Hereditary Tyrosinemia Type 1 is a rare genetic condition where the body cannot properly break down an amino acid (a building block of protein) called tyrosine [3].
Normally, the body uses an enzyme (a specialized protein) called fumarylacetoacetate hydrolase (FAH) to process tyrosine. In children with HT1, this enzyme is missing or not working correctly [3]. Because the tyrosine isn’t broken down, it turns into toxic substances—most notably one called succinylacetone—which can damage the liver, kidneys, and nervous system if left untreated [4][5].
Understanding the Rarity
HT1 is considered a rare disease, affecting approximately 1 in every 100,000 to 120,000 births worldwide [6]. However, it is more common in certain populations due to what scientists call a founder effect (where a specific genetic trait is passed down through a community over generations). For example, in Quebec, Canada, the incidence is much higher, occurring in about 1 in every 18,460 births [3].
Stabilizing Facts for Families
While the diagnosis is a lifelong journey, there are several powerful reasons for hope:
- Early Treatment is Revolutionary: Before modern medicine, HT1 was often life-threatening in early childhood. Today, the introduction of a medication called nitisinone (NTBC) has significantly improved outcomes [1].
- Preventing Damage: When treatment starts in the newborn period—before symptoms even appear—it can prevent the liver failure and kidney issues that used to be common [7][2].
- Avoiding Major Surgery: Early and consistent treatment significantly reduces the likelihood that a child will ever need a liver transplant [8][9].
- A Managed Condition: Much like diabetes or other chronic conditions, HT1 is manageable. With a combination of daily medication and a specialized diet, children with HT1 grow, go to school, and play just like their peers [2][10].
The Path Forward: A Two-Pillar Approach
Managing HT1 focuses on two main goals: stopping the production of toxins and keeping tyrosine levels in a safe range.
- Medication (Nitisinone/NTBC): This medication acts like a “blockade.” It stops the body from creating the toxic succinylacetone that causes organ damage [2][11].
- Specialized Diet: Because the body can’t handle tyrosine, your child will follow a diet low in protein. This involves special medical formulas that provide necessary nutrients without the amino acids (tyrosine and phenylalanine) that your child’s body cannot process [12][5].
| Management Goal | Method | Why It Matters |
|---|---|---|
| Stop Toxin Production | Nitisinone (NTBC) | Prevents liver and kidney damage [11] |
| Control Tyrosine Levels | Low-protein diet & medical formula | Prevents high tyrosine levels that can affect the eyes or skin [5] |
| Monitor Health | Frequent blood tests and imaging | Ensures the treatment is working and tracks liver health [2][13] |
Your Care Team
You are not alone in this. Managing HT1 requires a multidisciplinary team—a group of different specialists working together. This team typically includes metabolic doctors (geneticists), specialized dietitians, nurses, and social workers who will guide you through every step of your child’s growth and development [14]. High adherence to the treatment plan is the most important factor in ensuring your child’s long-term health [5][10].
Common questions in this guide
What is Tyrosinemia Type 1 (HT1)?
How is Tyrosinemia Type 1 treated in babies?
Can a child with Tyrosinemia Type 1 live a normal life?
What is succinylacetone?
Why does a child with HT1 need a special diet?
Questions to Ask Your Doctor
Curated prompts to bring to your next appointment.
- 1.Was my child diagnosed through newborn screening, and how early was the treatment started?
- 2.How will we monitor if the nitisinone (NTBC) dose is correct for my child?

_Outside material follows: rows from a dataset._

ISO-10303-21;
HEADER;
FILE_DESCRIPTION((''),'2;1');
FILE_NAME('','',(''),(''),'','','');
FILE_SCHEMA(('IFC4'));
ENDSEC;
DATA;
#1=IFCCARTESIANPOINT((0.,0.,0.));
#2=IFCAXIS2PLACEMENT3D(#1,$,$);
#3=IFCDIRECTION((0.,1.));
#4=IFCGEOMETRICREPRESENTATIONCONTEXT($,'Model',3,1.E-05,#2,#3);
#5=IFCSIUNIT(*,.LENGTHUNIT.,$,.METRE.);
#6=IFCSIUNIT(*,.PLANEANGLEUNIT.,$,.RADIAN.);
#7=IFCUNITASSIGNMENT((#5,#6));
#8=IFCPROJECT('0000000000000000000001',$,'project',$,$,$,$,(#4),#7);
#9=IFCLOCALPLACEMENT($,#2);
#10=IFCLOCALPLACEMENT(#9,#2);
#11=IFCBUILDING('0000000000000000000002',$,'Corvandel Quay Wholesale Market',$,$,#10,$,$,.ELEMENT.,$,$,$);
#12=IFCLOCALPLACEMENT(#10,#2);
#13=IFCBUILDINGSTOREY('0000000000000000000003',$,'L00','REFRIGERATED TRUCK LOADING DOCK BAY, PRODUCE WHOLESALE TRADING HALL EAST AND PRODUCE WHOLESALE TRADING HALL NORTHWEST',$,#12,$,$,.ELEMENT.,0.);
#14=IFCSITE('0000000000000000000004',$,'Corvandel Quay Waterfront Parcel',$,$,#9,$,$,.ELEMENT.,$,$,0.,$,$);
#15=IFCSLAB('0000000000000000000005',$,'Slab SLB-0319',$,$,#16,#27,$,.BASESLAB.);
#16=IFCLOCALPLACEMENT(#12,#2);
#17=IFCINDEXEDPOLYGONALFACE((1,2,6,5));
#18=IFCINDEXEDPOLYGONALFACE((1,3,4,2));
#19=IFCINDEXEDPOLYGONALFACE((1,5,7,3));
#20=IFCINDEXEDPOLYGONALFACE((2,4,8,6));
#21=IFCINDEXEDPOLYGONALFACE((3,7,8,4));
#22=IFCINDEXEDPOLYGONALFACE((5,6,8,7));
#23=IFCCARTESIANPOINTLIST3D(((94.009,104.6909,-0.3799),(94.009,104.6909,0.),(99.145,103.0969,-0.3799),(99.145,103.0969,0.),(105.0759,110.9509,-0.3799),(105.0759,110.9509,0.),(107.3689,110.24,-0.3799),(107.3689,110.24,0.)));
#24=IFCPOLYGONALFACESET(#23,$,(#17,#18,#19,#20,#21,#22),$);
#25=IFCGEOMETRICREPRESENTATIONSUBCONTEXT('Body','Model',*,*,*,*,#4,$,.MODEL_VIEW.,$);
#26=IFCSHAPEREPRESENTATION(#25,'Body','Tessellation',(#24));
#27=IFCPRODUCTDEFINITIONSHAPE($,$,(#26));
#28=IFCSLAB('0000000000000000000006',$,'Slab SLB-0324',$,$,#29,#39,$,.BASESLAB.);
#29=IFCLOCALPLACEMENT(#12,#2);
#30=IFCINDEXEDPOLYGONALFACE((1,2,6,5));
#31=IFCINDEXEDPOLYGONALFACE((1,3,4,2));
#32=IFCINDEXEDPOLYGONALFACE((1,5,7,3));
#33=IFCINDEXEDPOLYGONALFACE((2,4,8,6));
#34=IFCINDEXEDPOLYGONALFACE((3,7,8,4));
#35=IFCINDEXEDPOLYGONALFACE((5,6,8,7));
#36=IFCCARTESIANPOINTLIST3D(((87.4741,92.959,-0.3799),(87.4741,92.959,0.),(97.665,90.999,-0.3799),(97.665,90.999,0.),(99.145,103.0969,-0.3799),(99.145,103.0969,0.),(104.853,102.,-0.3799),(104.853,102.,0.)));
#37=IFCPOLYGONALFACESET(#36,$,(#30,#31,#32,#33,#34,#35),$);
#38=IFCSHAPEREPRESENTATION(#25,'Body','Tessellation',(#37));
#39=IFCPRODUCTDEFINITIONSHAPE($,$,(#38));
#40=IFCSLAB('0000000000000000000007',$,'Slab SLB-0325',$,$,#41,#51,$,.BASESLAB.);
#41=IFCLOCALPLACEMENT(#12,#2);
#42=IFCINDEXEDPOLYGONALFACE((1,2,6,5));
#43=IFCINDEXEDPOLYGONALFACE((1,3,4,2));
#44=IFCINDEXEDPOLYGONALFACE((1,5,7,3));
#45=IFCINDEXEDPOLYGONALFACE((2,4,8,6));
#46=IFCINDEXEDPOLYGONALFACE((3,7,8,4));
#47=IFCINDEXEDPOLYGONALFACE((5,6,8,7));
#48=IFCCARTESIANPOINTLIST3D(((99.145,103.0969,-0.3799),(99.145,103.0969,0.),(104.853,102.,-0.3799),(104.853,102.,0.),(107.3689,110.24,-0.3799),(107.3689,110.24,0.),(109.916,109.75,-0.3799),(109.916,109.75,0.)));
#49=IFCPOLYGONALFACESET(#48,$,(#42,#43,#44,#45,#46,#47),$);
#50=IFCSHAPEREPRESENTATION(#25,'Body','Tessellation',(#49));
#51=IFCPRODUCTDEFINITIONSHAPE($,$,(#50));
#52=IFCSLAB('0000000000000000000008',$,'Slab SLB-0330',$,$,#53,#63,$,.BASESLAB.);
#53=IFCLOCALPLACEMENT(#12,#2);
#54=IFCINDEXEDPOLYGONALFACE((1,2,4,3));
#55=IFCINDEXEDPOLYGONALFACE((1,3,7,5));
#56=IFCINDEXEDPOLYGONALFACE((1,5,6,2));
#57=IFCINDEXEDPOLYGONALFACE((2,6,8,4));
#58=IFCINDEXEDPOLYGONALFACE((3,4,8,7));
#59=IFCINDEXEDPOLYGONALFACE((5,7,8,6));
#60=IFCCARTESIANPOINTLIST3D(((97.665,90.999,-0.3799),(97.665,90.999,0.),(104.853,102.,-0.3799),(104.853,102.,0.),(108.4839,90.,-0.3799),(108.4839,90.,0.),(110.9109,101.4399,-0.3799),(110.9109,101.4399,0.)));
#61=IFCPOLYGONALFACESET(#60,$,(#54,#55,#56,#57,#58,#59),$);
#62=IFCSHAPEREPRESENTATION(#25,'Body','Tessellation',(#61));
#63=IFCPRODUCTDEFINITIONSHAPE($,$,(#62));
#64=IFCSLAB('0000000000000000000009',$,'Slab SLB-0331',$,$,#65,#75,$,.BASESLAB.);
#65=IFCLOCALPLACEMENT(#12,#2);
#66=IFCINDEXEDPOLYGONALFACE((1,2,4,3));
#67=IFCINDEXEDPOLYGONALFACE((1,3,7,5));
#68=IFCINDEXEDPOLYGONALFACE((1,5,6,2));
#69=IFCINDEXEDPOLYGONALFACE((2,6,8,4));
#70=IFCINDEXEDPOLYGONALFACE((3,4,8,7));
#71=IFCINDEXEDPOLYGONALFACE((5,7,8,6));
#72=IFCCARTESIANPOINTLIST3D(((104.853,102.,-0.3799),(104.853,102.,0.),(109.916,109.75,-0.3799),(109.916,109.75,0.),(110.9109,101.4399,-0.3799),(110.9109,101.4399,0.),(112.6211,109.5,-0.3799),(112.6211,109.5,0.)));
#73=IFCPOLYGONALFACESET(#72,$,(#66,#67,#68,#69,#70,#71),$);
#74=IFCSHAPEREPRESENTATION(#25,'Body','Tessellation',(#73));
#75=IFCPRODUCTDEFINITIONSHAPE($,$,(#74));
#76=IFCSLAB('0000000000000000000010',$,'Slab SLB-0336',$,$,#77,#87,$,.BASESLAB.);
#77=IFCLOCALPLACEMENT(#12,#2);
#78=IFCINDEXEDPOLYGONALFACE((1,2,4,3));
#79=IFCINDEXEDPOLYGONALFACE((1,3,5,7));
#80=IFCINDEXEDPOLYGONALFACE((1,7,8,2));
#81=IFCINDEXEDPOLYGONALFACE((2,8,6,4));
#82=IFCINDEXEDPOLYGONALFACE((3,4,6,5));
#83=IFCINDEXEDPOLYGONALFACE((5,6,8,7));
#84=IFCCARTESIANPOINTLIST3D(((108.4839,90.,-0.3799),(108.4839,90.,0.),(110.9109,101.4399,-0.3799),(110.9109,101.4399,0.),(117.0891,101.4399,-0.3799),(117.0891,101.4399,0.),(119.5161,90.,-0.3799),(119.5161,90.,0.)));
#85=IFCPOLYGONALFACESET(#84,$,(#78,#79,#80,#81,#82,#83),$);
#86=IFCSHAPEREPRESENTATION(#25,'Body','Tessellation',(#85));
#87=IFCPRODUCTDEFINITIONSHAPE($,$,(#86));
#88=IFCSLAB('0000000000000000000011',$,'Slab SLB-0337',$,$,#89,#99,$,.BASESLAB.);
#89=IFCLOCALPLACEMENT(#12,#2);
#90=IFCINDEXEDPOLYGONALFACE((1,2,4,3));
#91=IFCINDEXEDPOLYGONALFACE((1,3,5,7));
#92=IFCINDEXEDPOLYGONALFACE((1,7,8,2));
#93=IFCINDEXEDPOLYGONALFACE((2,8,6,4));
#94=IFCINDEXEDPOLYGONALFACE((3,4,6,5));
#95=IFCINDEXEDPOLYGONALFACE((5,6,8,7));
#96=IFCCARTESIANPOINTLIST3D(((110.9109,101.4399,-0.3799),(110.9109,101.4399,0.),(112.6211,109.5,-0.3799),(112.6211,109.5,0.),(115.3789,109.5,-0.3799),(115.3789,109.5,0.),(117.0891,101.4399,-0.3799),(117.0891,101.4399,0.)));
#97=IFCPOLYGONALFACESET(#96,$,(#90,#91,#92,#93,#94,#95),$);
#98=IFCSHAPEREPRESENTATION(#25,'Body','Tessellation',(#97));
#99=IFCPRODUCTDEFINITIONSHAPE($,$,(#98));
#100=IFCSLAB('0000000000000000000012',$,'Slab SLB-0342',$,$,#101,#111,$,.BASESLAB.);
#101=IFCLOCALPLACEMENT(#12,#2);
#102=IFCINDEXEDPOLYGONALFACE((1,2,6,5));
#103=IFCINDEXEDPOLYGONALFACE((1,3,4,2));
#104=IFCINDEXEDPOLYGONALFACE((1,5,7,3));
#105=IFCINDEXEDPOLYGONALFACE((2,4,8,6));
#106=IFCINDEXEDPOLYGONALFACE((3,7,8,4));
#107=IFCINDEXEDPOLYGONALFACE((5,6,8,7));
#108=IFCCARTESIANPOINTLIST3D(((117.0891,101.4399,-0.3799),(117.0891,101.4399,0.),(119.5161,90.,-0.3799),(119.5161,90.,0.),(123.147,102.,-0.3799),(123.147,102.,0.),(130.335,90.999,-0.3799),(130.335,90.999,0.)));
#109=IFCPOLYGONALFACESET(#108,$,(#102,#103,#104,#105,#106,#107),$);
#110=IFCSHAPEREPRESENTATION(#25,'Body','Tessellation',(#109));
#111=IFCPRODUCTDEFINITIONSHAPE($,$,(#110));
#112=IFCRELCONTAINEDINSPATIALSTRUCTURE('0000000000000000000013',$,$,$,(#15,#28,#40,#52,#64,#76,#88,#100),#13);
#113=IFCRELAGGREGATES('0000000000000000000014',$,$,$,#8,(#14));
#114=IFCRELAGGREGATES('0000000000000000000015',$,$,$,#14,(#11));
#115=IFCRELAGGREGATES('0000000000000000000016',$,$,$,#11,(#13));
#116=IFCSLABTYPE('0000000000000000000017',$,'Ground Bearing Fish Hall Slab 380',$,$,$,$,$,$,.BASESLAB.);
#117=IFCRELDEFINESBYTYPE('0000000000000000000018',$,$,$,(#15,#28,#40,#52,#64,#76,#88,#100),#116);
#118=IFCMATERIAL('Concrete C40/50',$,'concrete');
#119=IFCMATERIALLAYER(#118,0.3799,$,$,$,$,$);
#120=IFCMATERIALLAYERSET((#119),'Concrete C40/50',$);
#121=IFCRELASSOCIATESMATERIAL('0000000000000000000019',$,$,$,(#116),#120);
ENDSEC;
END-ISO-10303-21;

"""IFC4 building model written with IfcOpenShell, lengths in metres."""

from ifc_helpers import new_model, si_unit, direction, frame, origin, place, context, subcontext, project, spatial, polyline, outline, extrude, material, layer, layer_set, type_object, element, save


model = new_model("IFC4")

# Units and contexts
model_context = context("Model", 3, precision=1e-05, world=origin(), true_north=direction((0.0, 1.0)))
body_context = subcontext(model_context, "Body", "Model", "MODEL_VIEW")
ifc_project = project(units=[si_unit("LENGTHUNIT", "METRE"), si_unit("PLANEANGLEUNIT", "RADIAN")], contexts=[model_context])

# Site, building, storey
site_placement = place(None, origin())
site = spatial("IfcSite", under=ifc_project, at=site_placement, Name="Corvandel Quay Waterfront Parcel", CompositionType="ELEMENT", RefElevation=0.0)
building_placement = place(site_placement, origin())
building = spatial("IfcBuilding", under=site, at=building_placement, Name="Corvandel Quay Wholesale Market", CompositionType="ELEMENT")
storey_placement = place(building_placement, origin())
storey = spatial("IfcBuildingStorey", under=building, at=storey_placement, Name="L00", Description="REFRIGERATED TRUCK LOADING DOCK BAY, PRODUCE WHOLESALE TRADING HALL EAST AND PRODUCE WHOLESALE TRADING HALL NORTHWEST", CompositionType="ELEMENT", Elevation=0.0)

# Slabs
ifc_material = material(Name="Concrete C40/50", Category="concrete")
ifc_layer = layer(ifc_material, 0.3799)
ifc_layer_set = layer_set([ifc_layer], Name="Concrete C40/50")
slab_type = type_object("IfcSlabType", Name="Ground Bearing Fish Hall Slab 380", PredefinedType="BASESLAB", material=ifc_layer_set)
slab_1_placement = place(storey_placement, frame((0.0, 0.0, -0.3799)))
element("IfcSlab", 1, at=slab_1_placement, inside=storey, type_object=slab_type, Name="Slab SLB-0319", PredefinedType="BASESLAB", context=body_context, shape_type="SweptSolid", body=[
    extrude(outline(polyline([(94.009, 104.6909), (99.145, 103.0969), (107.3689, 110.24), (105.0759, 110.9509), (94.009, 104.6909)])), origin(), (0.0, 0.0, 1.0), 0.3799),
])
slab_2_placement = place(storey_placement, frame((0.0, 0.0, -0.3799)))
element("IfcSlab", 2, at=slab_2_placement, inside=storey, type_object=slab_type, Name="Slab SLB-0324", PredefinedType="BASESLAB", context=body_context, shape_type="SweptSolid", body=[
    extrude(outline(polyline([(87.4741, 92.959), (97.665, 90.999), (104.853, 102.0), (99.145, 103.0969), (87.4741, 92.959)])), origin(), (0.0, 0.0, 1.0), 0.3799),
])
slab_3_placement = place(storey_placement, frame((0.0, 0.0, -0.3799)))
element("IfcSlab", 3, at=slab_3_placement, inside=storey, type_object=slab_type, Name="Slab SLB-0325", PredefinedType="BASESLAB", context=body_context, shape_type="SweptSolid", body=[
    extrude(outline(polyline([(99.145, 103.0969), (104.853, 102.0), (109.916, 109.75), (107.3689, 110.24), (99.145, 103.0969)])), origin(), (0.0, 0.0, 1.0), 0.3799),
])
slab_4_placement = place(storey_placement, frame((0.0, 0.0, -0.3799)))
element("IfcSlab", 4, at=slab_4_placement, inside=storey, type_object=slab_type, Name="Slab SLB-0330", PredefinedType="BASESLAB", context=body_context, shape_type="SweptSolid", body=[
    extrude(outline(polyline([(97.665, 90.999), (108.4839, 90.0), (110.9109, 101.4399), (104.853, 102.0), (97.665, 90.999)])), origin(), (0.0, 0.0, 1.0), 0.3799),
])
slab_5_placement = place(storey_placement, frame((0.0, 0.0, -0.3799)))
element("IfcSlab", 5, at=slab_5_placement, inside=storey, type_object=slab_type, Name="Slab SLB-0331", PredefinedType="BASESLAB", context=body_context, shape_type="SweptSolid", body=[
    extrude(outline(polyline([(104.853, 102.0), (110.9109, 101.4399), (112.6211, 109.5), (109.916, 109.75), (104.853, 102.0)])), origin(), (0.0, 0.0, 1.0), 0.3799),
])
slab_6_placement = place(storey_placement, frame((0.0, 0.0, -0.3799)))
element("IfcSlab", 6, at=slab_6_placement, inside=storey, type_object=slab_type, Name="Slab SLB-0336", PredefinedType="BASESLAB", context=body_context, shape_type="SweptSolid", body=[
    extrude(outline(polyline([(108.4839, 90.0), (119.5161, 90.0), (117.0891, 101.4399), (110.9109, 101.4399), (108.4839, 90.0)])), origin(), (0.0, 0.0, 1.0), 0.3799),
])
slab_7_placement = place(storey_placement, frame((0.0, 0.0, -0.3799)))
element("IfcSlab", 7, at=slab_7_placement, inside=storey, type_object=slab_type, Name="Slab SLB-0337", PredefinedType="BASESLAB", context=body_context, shape_type="SweptSolid", body=[
    extrude(outline(polyline([(110.9109, 101.4399), (117.0891, 101.4399), (115.3789, 109.5), (112.6211, 109.5), (110.9109, 101.4399)])), origin(), (0.0, 0.0, 1.0), 0.3799),
])
slab_8_placement = place(storey_placement, frame((0.0, 0.0, -0.3799)))
element("IfcSlab", 8, at=slab_8_placement, inside=storey, type_object=slab_type, Name="Slab SLB-0342", PredefinedType="BASESLAB", context=body_context, shape_type="SweptSolid", body=[
    extrude(outline(polyline([(119.5161, 90.0), (130.335, 90.999), (123.147, 102.0), (117.0891, 101.4399), (119.5161, 90.0)])), origin(), (0.0, 0.0, 1.0), 0.3799),
])

save(model, "model.ifc")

- 3.What does a 'low-protein diet' look like for an infant, and can I still breastfeed?
- 4.Who are the members of our multidisciplinary care team (dietitians, geneticists, etc.)?
- 5.What is the specific plan for monitoring my child's liver health over the first year?
Questions For You
Tap a prompt to share your answer — we'll use it plus this page's context to start a tailored conversation.
References
References (14)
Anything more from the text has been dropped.